Y vivir la vida hasta el final, y romper la vida hasta el final...
Contigo.
Exceso, es mi droga favorita.
Un mail. De Madrid a Edimburgo...
No están siendo buenos tiempos, tampoco es que esté en mi peor momento, porque esos ya pasaron, arrasando con todo quizá, pero ahora poco importa, no vale la pena lamentarse, aún así no termino de levantar cabeza... Este fin de semana ha sido otro de esos surrealistas que de vez en cuando me sorprenden, me hieren y me dejan un sabor amargo en la boca... Demasiada mierda encima, demasiadas cosas injustas que hacen que el camino se haga más cuesta arriba.
Pero esta vez mi alma se revela contra todo y contra todos. Esta vez no dejé que la tristeza se instalara en mis ojos, le dí un billete de ida y espero que jamás encuentre el camino de vuelta. No voy a dejar que nadie me apague Jorge, ni si en mi mano está, dejaré jamás que nadie te apague a ti.
Ayer la oscuridad se fue desvaneciendo, mi actitud ayudó mucho a ello.
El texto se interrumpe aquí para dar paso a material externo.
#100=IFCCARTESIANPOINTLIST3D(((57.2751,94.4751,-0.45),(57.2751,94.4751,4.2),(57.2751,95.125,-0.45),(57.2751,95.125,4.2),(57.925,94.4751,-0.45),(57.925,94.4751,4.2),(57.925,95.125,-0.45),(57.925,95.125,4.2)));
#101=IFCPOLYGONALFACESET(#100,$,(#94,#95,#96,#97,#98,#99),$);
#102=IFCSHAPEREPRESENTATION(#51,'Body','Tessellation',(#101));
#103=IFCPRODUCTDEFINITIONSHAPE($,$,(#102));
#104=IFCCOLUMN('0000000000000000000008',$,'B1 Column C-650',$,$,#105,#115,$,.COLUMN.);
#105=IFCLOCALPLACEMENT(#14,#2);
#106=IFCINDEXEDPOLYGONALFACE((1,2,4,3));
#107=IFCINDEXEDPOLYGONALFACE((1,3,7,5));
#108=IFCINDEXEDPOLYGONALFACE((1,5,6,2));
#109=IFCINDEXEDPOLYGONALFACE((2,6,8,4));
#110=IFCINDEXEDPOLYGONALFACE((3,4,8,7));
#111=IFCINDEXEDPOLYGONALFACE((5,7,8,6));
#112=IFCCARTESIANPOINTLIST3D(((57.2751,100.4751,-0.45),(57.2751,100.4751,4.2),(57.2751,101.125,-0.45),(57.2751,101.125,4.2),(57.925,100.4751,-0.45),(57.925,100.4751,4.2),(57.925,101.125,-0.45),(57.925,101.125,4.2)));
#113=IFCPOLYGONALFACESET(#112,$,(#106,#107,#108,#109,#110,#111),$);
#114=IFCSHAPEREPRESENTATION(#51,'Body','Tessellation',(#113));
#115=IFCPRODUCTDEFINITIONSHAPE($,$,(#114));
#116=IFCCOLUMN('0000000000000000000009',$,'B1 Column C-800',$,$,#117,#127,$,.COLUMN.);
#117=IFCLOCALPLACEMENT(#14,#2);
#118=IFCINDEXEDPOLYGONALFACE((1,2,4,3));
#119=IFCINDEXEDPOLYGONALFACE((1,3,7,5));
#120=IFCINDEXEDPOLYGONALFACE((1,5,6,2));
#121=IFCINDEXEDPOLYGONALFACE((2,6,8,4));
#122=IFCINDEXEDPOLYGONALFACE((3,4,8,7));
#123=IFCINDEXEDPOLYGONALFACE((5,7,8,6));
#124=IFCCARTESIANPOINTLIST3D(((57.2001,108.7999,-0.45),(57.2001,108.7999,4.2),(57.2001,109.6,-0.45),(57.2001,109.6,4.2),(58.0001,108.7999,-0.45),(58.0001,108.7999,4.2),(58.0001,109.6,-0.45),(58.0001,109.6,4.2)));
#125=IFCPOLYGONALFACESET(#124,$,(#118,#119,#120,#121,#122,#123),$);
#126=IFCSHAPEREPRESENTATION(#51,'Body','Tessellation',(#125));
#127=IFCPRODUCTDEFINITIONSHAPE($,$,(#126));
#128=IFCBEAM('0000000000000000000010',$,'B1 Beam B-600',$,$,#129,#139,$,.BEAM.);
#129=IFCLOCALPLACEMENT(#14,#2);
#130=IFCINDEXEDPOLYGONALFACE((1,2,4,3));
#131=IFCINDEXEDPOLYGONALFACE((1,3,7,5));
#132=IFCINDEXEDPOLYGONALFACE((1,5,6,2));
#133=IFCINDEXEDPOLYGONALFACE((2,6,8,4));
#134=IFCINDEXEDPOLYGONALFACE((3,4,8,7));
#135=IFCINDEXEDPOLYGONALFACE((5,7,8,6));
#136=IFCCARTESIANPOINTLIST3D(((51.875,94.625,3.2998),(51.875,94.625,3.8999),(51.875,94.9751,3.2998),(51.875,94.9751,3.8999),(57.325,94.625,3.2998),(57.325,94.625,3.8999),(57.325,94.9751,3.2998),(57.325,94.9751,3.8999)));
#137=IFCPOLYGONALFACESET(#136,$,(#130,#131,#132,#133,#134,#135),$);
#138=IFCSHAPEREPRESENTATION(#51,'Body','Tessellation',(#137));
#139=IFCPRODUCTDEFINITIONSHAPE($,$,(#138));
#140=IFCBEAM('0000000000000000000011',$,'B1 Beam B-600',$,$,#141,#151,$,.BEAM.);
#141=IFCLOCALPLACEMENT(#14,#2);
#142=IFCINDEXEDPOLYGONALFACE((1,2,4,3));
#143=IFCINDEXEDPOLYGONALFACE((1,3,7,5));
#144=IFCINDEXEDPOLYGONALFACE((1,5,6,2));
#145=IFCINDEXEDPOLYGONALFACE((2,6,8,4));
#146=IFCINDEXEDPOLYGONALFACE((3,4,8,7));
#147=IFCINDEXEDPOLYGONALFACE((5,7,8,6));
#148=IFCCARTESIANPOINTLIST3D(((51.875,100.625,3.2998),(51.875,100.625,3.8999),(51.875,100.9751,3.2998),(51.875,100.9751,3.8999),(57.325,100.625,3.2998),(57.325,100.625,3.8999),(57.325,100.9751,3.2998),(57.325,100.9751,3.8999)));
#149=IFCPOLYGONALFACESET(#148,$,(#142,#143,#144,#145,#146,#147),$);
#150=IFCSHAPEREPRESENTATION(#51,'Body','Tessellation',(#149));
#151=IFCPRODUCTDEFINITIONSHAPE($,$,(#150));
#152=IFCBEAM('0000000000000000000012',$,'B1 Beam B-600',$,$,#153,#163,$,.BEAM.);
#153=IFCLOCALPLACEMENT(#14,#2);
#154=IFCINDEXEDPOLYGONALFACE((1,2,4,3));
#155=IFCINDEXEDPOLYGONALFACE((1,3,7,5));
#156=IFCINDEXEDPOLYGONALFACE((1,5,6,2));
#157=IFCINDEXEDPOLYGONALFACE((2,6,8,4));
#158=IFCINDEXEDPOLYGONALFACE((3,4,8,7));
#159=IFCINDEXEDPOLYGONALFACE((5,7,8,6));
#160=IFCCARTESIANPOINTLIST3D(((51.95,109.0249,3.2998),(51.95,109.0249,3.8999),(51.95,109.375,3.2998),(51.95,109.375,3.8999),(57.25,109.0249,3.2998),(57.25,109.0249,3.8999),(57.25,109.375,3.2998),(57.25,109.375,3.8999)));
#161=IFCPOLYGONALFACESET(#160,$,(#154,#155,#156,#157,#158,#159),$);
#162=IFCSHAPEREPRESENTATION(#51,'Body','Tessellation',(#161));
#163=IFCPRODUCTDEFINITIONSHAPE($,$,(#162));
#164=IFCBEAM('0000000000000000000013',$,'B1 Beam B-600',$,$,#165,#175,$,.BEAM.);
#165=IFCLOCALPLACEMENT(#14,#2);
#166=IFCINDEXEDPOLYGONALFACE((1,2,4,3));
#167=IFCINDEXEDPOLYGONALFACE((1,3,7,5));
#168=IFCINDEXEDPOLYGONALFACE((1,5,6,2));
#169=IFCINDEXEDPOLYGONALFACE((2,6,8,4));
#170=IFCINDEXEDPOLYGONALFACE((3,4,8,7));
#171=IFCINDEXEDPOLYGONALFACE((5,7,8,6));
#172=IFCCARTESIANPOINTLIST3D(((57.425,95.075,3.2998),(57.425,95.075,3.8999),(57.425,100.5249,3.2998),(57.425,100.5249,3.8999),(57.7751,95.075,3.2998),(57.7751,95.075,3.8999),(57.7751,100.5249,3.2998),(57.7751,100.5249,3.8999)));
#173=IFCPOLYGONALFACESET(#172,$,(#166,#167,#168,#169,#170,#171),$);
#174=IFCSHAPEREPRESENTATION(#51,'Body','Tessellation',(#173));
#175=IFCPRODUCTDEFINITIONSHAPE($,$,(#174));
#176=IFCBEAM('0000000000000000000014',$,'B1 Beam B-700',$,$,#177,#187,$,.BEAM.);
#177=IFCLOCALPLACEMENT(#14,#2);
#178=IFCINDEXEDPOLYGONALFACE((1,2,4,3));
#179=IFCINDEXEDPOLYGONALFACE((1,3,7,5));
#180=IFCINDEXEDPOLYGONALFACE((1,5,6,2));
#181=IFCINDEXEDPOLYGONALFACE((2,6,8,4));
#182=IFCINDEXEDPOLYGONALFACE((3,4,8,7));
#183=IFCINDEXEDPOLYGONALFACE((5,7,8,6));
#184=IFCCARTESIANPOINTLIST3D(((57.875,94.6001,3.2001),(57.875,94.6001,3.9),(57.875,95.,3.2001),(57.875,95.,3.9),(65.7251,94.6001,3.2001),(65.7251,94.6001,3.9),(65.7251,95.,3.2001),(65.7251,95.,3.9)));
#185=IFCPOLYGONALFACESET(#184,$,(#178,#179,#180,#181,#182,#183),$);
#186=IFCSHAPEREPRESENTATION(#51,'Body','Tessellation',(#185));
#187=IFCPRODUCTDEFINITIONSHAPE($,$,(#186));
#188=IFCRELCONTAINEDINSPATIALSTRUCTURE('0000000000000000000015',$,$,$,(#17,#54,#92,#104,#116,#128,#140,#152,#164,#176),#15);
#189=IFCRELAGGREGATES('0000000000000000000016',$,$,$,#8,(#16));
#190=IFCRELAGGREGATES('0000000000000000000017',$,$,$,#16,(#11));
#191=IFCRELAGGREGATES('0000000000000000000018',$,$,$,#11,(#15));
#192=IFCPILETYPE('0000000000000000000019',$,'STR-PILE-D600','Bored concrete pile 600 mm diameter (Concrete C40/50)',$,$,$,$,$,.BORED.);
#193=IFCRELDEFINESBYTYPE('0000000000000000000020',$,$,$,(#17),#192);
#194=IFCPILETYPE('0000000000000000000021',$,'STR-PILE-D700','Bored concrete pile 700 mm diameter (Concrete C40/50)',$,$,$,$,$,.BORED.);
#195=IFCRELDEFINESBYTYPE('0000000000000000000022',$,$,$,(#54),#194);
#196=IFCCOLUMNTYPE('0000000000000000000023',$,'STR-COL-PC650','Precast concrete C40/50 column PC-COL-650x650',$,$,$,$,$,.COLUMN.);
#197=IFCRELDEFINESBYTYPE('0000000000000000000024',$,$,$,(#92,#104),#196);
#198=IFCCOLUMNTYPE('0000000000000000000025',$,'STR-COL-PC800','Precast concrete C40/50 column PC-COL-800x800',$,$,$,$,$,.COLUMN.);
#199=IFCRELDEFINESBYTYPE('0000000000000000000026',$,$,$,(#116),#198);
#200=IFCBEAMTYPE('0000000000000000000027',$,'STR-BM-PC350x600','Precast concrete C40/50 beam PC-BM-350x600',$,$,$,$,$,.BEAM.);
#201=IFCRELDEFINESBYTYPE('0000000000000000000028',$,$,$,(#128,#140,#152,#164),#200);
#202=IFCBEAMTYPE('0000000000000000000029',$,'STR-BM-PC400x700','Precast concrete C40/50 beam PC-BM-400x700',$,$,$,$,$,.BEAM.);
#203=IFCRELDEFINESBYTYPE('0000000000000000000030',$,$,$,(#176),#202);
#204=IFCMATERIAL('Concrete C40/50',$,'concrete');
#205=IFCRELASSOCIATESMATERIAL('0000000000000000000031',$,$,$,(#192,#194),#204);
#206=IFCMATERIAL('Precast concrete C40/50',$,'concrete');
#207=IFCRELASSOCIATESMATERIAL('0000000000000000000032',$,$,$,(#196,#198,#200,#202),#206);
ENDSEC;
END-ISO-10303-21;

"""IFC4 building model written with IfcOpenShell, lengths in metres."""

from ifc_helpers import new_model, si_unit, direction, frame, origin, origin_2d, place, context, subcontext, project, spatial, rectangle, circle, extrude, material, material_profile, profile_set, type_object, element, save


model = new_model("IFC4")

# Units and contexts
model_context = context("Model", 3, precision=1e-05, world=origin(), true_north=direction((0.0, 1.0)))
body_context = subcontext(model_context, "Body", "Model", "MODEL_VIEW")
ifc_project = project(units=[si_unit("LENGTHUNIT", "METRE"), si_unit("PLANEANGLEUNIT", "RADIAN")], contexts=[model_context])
Un concierto de una cantautora madrileña, íntimo, cálido. Después una mesa llena de copas, ceniza, folletos de conciertos y conversación con cantautores reconocidos. Invitaciones para ir a verles, risas y música, mucha música. Mi oxígeno.

He dormido apenas tres horas y vuelta al curro. Llego medio sobada aún, enciendo la pantalla del pc y te encuentro. Te encuentro como nunca antes, tan sincero, tan puro, tan desnudo... Y me llegas, me alcanzas y ya soy tuya, como siempre lo fuí, porque una parte de mi ya te pertenece, te la regalo..., como decía aquella canción de Baute que te gustaba, jejeje, "te regalo mi orden, mi desorden..."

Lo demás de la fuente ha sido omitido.